İdarecilerin esas hatası, en başta ekonomi sahasındaki sıkıntıları inkâr etmeleridir. Ayaklar yorgana göre uzatılmadığı için her geçen gün kriz büyüdü ve artık önü alınamaz hale geldi. Başka bir yanlışlık da, yaşanan krizin başka ülkelerdeki krizlerle karşılaştırılmasıdır. Elbette her ülkenin kendine göre şartları vardır. “Filan ülkede fiyatlar daha palalı” diyerek Türkiye’deki zamlar savunulabilir mi?

Ekonomik krizin büyümesinde, uygulanan politikalar sebebiyle köylerin fiilen boşalmasının da etkisi vardır. Köylerde yaşayan milyonlarca kişi üretici olmaktan çıkıp tüketici haline gelmiş durumda. Karadeniz köylerini örnek verecek olursak, eskiden her evde 3 ya da 5 büyükbaş hayvan beslenirdi. Şimdi ise hiç inek ya da koyun beslenmeyen köyler var. Köylerde hayvancılığın fiilen sona ermesinin başka zararları da var. Çarşıda pazarda tonu 3 bin TL’ye satılan otlar yaylalarda çürümeye terk edilmiş durumda. Bazı yaylalar var ki, neredeyse 10 yıldır hiç hayvan gitmemiştir. Yüzlerce, hatta binlerce büyükbaş hayvanın ‘bedava’ beslenmesine imkân varken dağlardaki otları çürümeye terk etmek ‘milli servet’ kaybı sayılmaz mı?
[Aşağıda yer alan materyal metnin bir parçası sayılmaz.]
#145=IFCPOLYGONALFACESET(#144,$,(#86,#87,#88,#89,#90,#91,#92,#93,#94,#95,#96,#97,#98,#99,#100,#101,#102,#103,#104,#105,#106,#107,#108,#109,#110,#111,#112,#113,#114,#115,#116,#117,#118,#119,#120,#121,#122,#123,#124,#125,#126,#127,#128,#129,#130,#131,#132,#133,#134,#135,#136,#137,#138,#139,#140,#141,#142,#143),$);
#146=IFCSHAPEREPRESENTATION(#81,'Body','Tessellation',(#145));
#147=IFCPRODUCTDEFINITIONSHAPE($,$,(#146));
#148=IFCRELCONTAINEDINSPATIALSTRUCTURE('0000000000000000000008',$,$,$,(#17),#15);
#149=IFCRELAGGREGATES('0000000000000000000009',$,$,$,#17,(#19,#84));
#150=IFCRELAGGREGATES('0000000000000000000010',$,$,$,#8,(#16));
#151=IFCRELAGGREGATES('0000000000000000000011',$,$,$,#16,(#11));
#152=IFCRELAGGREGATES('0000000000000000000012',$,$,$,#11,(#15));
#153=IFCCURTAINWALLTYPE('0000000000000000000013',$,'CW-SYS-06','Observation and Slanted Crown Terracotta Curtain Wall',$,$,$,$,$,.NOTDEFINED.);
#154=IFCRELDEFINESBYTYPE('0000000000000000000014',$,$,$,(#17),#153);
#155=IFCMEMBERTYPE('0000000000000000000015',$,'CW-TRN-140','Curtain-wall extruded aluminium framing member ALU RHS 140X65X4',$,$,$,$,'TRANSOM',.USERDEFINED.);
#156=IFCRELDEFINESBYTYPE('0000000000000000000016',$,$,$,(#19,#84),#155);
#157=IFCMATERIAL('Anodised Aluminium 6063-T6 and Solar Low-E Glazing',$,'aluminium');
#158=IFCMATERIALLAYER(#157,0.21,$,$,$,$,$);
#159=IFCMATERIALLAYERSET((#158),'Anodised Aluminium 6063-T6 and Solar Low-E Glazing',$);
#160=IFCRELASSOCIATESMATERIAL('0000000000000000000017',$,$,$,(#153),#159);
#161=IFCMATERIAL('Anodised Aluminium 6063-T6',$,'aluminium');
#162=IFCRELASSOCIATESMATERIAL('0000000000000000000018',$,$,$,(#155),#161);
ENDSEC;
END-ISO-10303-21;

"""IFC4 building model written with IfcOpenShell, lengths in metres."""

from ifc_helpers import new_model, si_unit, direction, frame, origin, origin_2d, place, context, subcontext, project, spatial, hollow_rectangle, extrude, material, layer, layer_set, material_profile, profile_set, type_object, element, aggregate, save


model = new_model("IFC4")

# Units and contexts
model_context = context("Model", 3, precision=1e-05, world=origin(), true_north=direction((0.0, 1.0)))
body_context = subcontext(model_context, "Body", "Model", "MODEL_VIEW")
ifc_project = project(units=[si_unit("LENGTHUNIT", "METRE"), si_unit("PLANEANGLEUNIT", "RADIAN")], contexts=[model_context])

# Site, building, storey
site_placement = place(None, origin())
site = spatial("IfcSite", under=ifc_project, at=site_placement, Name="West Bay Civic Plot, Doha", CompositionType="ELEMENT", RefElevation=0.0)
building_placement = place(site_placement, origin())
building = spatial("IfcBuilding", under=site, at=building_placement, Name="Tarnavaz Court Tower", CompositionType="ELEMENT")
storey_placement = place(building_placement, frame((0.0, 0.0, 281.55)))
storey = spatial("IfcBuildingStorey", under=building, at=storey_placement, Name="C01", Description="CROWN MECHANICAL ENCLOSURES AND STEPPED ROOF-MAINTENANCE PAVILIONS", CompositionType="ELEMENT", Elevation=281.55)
Peki, yeniden köylerin canlanması ve az da olsa hayvancılığın gelişmesi mümkün olur mu? Siyasi idare kararlı olursa bunu yapmak mümkün olabilir. Geri dönüşü olmayan yatırımlar yerine iyi kontrol edilmiş bir teşvik sistemiyle köylerde hayvancılık ayağa kalkabilir. İlk adım olarak kış aylarında hayvanların bakımını yapacak bir sistem kurmakla atılabilir. Yaz aylarında köye gidenler, en azından kendi ihtiyaçlarını karşılayacak nispette hayvancılık yapabilir. Fakat yaz aylarında pahalıya ‘süt ineği’ alanlar kış aylarında hayvanlarını yarı fiyatına satmak durumunda kalıyorlar. Haliyle zarar ettikleri için hayvan beslemekten tamamen kopuyorlar. Kış ayları için ‘süt inekleri’ni kışlık bakıma verebilecekleri yerleri olması durumunda hayvancılığın katlanarak artacağını söylemek mümkündür.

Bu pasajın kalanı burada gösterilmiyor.